Core Concepts
Exploration in reinforcement learning is computationally harder than prediction in supervised learning, under a plausible cryptographic hardness assumption.
Abstract
The paper investigates the computational complexity of reinforcement learning (RL) compared to supervised learning (regression). It focuses on a specific class of Markov decision processes (MDPs) called block MDPs, where the observed states are stochastic emissions from a smaller latent state space.
The key insights are:
The paper constructs a family of block MDPs where reward-free RL (exploring the entire state space) is computationally harder than realizable regression (predicting labels given covariates), under a cryptographic hardness assumption.
The paper also shows that even in reward-directed RL, the natural regression oracle is not sufficient for computationally efficient learning, and some stronger oracle is necessary.
The technical proofs involve novel reductions between RL in block MDPs and variants of the Learning Parities with Noise (LPN) problem, a well-studied cryptographic hardness assumption.

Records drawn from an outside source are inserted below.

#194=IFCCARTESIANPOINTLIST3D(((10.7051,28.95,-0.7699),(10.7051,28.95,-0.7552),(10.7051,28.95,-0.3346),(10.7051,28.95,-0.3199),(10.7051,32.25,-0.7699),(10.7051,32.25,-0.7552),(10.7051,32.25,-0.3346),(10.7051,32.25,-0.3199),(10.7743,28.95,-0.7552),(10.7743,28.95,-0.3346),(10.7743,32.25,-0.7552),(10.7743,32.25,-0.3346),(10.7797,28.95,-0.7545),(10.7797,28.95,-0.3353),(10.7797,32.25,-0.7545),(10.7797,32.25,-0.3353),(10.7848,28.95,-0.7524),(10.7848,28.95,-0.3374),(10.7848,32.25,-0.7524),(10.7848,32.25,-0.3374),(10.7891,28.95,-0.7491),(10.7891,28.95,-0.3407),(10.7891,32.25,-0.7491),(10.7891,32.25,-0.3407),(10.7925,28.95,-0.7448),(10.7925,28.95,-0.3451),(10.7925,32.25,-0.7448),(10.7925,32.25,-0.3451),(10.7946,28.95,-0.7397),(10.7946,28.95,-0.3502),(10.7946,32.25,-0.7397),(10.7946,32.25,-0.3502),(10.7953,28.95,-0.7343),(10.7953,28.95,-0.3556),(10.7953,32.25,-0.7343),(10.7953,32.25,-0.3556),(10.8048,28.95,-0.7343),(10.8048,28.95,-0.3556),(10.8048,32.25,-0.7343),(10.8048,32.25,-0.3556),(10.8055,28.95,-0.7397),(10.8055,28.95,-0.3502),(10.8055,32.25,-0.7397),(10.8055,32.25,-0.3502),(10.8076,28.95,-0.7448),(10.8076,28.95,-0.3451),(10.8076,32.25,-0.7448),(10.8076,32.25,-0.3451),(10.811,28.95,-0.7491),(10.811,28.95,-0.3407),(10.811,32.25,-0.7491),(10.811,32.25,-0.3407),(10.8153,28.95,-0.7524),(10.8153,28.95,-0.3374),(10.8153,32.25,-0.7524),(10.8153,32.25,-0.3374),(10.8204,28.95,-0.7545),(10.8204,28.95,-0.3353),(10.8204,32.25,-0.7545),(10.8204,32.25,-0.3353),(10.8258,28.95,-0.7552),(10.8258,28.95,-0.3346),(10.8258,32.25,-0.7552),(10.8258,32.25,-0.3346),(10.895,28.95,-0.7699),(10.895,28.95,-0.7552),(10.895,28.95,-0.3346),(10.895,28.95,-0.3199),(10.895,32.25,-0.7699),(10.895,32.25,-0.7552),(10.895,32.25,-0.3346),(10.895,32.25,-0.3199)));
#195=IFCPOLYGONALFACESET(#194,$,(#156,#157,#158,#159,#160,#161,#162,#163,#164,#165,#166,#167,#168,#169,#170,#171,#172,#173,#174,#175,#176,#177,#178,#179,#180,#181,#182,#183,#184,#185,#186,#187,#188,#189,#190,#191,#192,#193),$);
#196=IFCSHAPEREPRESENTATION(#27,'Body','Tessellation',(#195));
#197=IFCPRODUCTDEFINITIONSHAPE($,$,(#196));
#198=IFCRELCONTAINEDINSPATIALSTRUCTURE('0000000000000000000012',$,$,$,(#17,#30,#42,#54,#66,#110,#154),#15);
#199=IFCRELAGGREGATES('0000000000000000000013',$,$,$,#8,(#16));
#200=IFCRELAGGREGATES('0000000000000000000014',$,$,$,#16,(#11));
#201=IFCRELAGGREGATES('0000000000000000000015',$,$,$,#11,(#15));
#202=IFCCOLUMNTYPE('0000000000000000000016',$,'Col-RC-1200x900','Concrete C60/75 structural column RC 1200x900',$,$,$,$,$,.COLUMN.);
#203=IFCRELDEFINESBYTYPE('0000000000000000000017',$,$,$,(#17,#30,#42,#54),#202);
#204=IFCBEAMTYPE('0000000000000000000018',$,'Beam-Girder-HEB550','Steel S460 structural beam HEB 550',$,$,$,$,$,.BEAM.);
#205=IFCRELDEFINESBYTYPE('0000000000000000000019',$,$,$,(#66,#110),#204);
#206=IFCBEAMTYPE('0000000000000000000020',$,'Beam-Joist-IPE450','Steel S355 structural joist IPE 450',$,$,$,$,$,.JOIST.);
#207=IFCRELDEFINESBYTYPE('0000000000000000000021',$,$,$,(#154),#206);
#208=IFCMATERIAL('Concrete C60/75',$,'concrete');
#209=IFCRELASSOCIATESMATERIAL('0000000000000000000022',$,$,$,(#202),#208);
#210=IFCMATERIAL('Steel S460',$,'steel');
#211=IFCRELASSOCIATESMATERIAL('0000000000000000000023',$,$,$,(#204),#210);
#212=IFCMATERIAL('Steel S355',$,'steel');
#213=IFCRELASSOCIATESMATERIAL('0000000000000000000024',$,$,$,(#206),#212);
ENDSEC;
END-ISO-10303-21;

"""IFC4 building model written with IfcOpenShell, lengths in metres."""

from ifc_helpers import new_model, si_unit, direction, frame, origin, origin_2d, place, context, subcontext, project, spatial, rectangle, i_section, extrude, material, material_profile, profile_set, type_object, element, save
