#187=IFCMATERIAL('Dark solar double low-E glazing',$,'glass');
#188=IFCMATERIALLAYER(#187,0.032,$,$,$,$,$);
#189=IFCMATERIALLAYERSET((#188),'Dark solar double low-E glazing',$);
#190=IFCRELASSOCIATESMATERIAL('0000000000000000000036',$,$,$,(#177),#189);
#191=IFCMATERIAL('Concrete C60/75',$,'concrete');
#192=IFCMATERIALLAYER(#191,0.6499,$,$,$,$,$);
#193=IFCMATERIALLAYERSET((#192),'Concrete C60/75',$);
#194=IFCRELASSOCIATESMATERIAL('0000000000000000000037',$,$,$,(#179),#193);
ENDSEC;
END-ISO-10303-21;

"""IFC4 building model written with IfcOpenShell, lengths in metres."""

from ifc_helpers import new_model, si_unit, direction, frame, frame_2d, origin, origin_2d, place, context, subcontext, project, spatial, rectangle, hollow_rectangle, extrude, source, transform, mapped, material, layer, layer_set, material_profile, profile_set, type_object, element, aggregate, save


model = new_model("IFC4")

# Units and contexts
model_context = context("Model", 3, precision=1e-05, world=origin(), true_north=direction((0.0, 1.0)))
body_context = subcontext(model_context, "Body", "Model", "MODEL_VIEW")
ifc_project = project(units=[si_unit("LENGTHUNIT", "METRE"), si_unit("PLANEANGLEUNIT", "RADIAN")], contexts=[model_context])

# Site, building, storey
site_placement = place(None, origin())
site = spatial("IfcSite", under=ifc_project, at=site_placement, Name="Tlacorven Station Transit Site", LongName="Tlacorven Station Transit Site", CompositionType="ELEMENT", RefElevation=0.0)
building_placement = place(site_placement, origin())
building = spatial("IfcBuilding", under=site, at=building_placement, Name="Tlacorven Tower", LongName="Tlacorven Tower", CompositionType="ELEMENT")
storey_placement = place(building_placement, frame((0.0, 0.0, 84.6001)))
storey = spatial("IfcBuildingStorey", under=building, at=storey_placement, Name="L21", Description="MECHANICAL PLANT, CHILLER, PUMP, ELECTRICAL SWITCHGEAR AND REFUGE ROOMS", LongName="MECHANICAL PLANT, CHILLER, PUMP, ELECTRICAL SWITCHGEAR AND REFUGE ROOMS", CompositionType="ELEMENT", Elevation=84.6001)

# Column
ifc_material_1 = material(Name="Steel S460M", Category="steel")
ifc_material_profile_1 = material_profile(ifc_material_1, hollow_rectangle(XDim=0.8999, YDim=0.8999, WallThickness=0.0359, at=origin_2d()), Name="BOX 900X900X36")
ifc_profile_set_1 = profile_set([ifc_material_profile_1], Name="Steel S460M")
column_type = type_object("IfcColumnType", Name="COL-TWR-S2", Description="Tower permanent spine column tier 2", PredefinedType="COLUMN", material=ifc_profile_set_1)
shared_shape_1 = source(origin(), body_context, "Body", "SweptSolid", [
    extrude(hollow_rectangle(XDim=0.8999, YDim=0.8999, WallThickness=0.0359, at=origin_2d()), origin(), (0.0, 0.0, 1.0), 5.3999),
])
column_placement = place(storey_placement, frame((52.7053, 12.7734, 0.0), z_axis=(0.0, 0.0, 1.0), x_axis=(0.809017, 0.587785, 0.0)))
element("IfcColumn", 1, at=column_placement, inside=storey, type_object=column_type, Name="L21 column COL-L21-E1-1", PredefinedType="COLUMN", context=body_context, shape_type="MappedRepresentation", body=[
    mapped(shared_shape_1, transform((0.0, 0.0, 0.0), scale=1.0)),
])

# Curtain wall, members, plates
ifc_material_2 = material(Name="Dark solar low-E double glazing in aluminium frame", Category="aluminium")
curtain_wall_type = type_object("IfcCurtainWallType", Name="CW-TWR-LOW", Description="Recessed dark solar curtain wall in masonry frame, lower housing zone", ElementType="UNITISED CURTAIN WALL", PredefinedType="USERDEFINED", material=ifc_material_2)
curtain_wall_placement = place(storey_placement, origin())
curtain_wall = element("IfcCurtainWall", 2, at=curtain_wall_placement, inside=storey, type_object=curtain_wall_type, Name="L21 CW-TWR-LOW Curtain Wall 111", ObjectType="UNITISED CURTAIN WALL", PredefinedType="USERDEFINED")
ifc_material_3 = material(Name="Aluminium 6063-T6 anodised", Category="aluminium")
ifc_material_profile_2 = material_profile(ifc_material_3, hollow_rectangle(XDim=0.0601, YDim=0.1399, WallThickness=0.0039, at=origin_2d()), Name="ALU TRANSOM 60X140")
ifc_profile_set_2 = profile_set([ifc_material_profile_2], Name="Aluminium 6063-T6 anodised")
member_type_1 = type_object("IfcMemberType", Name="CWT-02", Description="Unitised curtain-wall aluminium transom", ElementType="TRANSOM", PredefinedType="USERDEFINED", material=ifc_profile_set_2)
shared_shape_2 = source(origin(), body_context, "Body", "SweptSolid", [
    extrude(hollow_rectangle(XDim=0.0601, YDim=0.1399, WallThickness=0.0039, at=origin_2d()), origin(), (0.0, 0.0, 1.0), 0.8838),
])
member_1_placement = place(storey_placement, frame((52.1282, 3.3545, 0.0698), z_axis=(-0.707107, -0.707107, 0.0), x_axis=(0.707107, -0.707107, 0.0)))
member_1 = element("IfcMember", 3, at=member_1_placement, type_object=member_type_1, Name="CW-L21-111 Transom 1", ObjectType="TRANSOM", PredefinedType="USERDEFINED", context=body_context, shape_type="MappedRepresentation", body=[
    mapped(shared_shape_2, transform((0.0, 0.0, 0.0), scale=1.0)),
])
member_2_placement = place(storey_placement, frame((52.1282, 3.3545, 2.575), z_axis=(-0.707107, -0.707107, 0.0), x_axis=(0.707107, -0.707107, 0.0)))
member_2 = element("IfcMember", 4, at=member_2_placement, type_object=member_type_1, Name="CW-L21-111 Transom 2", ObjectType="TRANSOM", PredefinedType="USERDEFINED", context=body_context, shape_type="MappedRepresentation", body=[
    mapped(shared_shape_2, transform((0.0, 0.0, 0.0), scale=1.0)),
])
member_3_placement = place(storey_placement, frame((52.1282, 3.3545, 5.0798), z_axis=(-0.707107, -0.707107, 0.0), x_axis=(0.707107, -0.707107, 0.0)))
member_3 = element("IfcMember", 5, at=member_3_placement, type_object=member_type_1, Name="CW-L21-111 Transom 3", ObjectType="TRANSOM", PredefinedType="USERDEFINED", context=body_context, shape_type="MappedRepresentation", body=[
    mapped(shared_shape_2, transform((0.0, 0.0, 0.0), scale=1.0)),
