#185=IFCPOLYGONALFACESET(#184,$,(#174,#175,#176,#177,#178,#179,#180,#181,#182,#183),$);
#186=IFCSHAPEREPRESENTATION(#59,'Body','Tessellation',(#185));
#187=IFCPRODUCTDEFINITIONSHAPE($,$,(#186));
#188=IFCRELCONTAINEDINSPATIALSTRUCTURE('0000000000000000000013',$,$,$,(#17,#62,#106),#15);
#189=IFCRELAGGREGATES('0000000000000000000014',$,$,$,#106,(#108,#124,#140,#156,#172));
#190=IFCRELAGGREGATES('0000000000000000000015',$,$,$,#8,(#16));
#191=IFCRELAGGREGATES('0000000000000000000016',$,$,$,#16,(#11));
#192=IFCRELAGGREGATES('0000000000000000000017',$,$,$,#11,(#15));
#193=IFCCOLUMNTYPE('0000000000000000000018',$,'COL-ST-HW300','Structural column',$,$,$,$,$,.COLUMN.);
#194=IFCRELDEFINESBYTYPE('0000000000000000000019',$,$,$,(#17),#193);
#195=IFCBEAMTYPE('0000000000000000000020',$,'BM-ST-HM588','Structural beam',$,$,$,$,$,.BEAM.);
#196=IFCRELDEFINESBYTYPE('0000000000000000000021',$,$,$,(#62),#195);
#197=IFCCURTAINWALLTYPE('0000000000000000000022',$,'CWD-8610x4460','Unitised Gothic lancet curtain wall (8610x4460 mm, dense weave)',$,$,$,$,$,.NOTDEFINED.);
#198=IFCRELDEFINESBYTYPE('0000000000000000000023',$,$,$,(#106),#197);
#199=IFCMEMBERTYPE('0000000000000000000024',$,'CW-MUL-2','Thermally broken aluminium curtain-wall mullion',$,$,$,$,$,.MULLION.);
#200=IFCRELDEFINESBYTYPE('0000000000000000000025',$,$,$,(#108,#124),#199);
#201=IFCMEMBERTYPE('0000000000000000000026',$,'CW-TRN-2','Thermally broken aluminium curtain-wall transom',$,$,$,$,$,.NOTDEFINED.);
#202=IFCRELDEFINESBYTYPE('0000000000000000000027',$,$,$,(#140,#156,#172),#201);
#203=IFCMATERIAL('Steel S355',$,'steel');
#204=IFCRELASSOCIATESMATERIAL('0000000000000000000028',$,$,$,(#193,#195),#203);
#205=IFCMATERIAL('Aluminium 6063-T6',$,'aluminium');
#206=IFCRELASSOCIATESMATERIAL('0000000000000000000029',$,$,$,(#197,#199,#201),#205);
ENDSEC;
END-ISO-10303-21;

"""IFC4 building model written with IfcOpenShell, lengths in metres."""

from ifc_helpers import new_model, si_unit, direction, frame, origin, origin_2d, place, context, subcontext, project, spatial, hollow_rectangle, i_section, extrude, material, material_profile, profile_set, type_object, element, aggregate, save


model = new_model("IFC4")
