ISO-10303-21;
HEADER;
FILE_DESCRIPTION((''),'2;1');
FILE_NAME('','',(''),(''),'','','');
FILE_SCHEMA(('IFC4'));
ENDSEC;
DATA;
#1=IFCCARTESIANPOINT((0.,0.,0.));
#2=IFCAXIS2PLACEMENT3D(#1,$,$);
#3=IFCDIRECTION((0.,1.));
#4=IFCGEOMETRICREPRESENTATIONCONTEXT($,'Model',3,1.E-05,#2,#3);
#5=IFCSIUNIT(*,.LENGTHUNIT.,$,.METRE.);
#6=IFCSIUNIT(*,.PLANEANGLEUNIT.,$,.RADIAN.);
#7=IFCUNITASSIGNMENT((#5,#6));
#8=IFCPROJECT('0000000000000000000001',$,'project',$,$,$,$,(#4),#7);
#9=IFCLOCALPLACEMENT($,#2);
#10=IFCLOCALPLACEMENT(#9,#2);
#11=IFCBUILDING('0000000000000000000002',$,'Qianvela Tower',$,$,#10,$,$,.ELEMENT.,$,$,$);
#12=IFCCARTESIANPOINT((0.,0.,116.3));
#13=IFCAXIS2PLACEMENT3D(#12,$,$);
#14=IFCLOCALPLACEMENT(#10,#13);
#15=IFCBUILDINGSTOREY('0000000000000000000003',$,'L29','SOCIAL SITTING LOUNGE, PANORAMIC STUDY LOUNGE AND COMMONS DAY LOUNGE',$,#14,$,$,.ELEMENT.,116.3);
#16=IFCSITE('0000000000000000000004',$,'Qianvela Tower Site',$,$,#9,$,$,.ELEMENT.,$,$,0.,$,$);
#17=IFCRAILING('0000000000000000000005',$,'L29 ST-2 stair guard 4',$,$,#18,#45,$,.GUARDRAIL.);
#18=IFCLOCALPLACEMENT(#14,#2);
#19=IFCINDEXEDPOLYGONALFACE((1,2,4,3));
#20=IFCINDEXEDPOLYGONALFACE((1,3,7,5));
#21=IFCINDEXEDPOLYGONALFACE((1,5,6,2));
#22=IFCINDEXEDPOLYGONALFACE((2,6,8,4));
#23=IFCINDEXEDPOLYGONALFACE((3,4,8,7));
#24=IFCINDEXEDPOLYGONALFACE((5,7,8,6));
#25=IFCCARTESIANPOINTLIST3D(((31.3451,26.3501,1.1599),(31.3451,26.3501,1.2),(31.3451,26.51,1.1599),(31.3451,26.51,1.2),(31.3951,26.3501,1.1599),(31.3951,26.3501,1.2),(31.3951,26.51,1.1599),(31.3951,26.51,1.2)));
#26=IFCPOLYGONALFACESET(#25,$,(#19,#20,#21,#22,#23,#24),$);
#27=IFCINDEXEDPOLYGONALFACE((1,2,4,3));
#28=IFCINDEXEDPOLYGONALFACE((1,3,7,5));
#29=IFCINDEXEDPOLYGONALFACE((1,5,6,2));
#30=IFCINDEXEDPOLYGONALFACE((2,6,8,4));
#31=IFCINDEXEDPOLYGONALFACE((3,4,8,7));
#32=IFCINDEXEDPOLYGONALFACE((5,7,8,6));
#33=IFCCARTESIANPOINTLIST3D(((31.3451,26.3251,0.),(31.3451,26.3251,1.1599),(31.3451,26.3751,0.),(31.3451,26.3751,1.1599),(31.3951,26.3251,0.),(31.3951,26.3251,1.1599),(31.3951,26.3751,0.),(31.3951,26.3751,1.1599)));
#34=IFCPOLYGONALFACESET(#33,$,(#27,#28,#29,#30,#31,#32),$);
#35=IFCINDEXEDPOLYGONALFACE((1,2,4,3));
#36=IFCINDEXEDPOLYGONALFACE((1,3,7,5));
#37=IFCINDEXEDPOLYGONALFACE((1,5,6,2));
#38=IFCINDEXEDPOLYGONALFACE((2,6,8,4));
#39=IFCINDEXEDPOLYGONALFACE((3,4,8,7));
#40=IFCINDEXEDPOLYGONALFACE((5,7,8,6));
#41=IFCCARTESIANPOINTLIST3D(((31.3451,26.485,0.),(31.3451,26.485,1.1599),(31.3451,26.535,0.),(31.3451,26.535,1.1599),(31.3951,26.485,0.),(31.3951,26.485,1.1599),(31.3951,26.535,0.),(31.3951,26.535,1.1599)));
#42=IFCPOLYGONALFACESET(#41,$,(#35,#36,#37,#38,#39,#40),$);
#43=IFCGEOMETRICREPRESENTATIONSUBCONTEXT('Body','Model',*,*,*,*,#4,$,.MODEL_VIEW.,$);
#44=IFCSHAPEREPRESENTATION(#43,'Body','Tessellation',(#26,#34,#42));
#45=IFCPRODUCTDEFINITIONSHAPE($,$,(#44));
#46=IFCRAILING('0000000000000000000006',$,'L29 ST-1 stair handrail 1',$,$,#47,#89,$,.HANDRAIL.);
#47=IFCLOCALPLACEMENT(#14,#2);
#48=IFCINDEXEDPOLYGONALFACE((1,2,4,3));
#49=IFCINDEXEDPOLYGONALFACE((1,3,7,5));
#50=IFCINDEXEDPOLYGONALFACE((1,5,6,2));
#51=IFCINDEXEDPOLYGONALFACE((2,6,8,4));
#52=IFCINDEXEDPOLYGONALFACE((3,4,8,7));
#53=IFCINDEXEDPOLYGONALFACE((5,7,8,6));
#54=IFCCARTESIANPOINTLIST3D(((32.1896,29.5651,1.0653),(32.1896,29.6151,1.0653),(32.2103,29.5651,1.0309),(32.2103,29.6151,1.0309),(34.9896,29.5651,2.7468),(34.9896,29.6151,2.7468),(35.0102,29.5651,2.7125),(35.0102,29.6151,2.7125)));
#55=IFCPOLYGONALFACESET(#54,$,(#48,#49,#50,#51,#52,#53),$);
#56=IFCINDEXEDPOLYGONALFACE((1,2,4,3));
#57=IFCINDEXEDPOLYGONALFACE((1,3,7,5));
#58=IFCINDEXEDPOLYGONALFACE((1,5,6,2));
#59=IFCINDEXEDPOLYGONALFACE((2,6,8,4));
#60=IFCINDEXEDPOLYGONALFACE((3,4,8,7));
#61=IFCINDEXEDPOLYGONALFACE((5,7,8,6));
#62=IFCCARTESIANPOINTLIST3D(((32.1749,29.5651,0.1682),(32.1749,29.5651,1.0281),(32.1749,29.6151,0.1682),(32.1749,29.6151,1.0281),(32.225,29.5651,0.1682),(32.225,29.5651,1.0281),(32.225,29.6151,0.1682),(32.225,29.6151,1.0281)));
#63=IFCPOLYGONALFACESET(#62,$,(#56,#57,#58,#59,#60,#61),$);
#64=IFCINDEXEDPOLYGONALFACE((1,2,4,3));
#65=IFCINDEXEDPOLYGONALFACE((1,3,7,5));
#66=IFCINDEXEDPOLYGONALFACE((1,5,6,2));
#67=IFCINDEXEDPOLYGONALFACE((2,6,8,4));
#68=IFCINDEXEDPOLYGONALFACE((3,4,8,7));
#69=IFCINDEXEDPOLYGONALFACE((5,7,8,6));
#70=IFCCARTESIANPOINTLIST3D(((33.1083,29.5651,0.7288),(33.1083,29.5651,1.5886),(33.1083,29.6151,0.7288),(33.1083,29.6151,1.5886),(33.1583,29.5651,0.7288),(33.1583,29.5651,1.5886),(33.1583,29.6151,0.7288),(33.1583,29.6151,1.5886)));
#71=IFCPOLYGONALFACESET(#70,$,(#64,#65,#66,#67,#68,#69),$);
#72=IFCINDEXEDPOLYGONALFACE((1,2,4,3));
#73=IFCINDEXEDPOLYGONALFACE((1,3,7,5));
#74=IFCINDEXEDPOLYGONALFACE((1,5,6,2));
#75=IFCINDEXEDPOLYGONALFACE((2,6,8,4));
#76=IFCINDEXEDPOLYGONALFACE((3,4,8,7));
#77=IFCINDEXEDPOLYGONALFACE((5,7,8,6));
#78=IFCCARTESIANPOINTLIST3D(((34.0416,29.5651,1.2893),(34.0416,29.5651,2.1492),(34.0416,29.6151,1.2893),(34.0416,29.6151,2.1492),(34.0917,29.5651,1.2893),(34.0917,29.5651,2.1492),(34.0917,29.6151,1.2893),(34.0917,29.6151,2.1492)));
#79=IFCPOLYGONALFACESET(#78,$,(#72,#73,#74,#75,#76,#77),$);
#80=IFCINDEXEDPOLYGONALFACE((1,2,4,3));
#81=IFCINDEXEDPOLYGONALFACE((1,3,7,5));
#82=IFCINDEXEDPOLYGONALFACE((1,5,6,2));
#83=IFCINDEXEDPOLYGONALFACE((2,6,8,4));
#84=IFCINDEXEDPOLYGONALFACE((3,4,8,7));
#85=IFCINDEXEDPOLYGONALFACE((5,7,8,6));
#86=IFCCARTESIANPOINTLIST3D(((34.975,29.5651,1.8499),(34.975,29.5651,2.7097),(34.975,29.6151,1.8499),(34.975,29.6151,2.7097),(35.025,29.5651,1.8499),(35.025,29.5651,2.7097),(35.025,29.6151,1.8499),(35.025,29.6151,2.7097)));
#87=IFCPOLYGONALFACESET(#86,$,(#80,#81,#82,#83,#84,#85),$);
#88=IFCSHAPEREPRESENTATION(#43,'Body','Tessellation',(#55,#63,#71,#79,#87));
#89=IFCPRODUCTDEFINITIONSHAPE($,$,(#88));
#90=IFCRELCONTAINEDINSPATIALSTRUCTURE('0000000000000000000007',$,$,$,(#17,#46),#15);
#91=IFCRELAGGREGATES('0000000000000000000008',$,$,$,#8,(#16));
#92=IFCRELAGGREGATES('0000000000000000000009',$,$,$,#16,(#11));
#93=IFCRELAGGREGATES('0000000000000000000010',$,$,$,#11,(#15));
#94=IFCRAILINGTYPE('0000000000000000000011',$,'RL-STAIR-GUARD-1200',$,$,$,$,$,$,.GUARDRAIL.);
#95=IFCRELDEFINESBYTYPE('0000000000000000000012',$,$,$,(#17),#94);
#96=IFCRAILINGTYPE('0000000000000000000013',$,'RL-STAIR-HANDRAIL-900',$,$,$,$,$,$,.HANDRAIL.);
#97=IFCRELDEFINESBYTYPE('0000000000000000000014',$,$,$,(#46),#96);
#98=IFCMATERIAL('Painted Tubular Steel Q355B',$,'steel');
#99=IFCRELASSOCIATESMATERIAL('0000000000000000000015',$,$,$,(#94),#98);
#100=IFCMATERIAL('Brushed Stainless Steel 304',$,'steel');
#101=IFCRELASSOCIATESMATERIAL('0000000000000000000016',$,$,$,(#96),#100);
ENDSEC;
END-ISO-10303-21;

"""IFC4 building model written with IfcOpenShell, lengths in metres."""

from ifc_helpers import new_model, si_unit, direction, frame, origin, origin_2d, place, context, subcontext, project, spatial, rectangle, extrude, material, type_object, element, save


model = new_model("IFC4")

# Units and contexts
model_context = context("Model", 3, precision=1e-05, world=origin(), true_north=direction((0.0, 1.0)))
body_context = subcontext(model_context, "Body", "Model", "MODEL_VIEW")
ifc_project = project(units=[si_unit("LENGTHUNIT", "METRE"), si_unit("PLANEANGLEUNIT", "RADIAN")], contexts=[model_context])

# Site, building, storey
site_placement = place(None, origin())
site = spatial("IfcSite", under=ifc_project, at=site_placement, Name="Qianvela Tower Site", CompositionType="ELEMENT", RefElevation=0.0)
building_placement = place(site_placement, origin())
building = spatial("IfcBuilding", under=site, at=building_placement, Name="Qianvela Tower", CompositionType="ELEMENT")
storey_placement = place(building_placement, frame((0.0, 0.0, 116.3)))
storey = spatial("IfcBuildingStorey", under=building, at=storey_placement, Name="L29", Description="SOCIAL SITTING LOUNGE, PANORAMIC STUDY LOUNGE AND COMMONS DAY LOUNGE", CompositionType="ELEMENT", Elevation=116.3)

# Railings
ifc_material_1 = material(Name="Painted Tubular Steel Q355B", Category="steel")
railing_type_1 = type_object("IfcRailingType", Name="RL-STAIR-GUARD-1200", PredefinedType="GUARDRAIL", material=ifc_material_1)
railing_1_placement = place(storey_placement, frame((31.3701, 26.3501, 0.0)))
element("IfcRailing", 1, at=railing_1_placement, inside=storey, type_object=railing_type_1, Name="L29 ST-2 stair guard 4", PredefinedType="GUARDRAIL", context=body_context, shape_type="SweptSolid", body=[
    extrude(rectangle(XDim=0.05, YDim=0.04, at=origin_2d()), frame((0.0, 0.0, 1.1799), z_axis=(0.0, 1.0, 0.0), x_axis=(-1.0, 0.0, 0.0)), (0.0, 0.0, 1.0), 0.1599),
    extrude(rectangle(XDim=0.05, YDim=0.05, at=origin_2d()), origin(), (0.0, 0.0, 1.0), 1.1599),
    extrude(rectangle(XDim=0.05, YDim=0.05, at=origin_2d()), frame((0.0, 0.1599, 0.0)), (0.0, 0.0, 1.0), 1.1599),
])
ifc_material_2 = material(Name="Brushed Stainless Steel 304", Category="steel")
railing_type_2 = type_object("IfcRailingType", Name="RL-STAIR-HANDRAIL-900", PredefinedType="HANDRAIL", material=ifc_material_2)
railing_2_placement = place(storey_placement, frame((32.2, 29.5901, 0.1682)))
element("IfcRailing", 2, at=railing_2_placement, inside=storey, type_object=railing_type_2, Name="L29 ST-1 stair handrail 1", PredefinedType="HANDRAIL", context=body_context, shape_type="SweptSolid", body=[
    extrude(rectangle(XDim=0.05, YDim=0.04, at=origin_2d()), frame((0.0, 0.0, 0.8799), z_axis=(0.857275, 0.0, 0.514858), x_axis=(0.0, 1.0, 0.0)), (0.0, 0.0, 1.0), 3.2661),
    extrude(rectangle(XDim=0.05, YDim=0.05, at=origin_2d()), origin(), (0.0, 0.0, 1.0), 0.8599),
    extrude(rectangle(XDim=0.05, YDim=0.05, at=origin_2d()), frame((0.9333, 0.0, 0.5605)), (0.0, 0.0, 1.0), 0.8599),
    extrude(rectangle(XDim=0.05, YDim=0.05, at=origin_2d()), frame((1.8667, 0.0, 1.1211)), (0.0, 0.0, 1.0), 0.8599),
    extrude(rectangle(XDim=0.05, YDim=0.05, at=origin_2d()), frame((2.8, 0.0, 1.6816)), (0.0, 0.0, 1.0), 0.8599),
])

save(model, "model.ifc")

This includes showing the robustness of LPN to weakly dependent noise.
The results suggest that exploration, a core challenge in RL, is fundamentally harder than prediction, which is the focus of supervised learning. This provides a complexity-theoretic separation between these two modes of learning.
The paper also discusses special cases of block MDPs where RL is tractable given access to a regression oracle, highlighting the importance of understanding the structural assumptions that make RL computationally easier.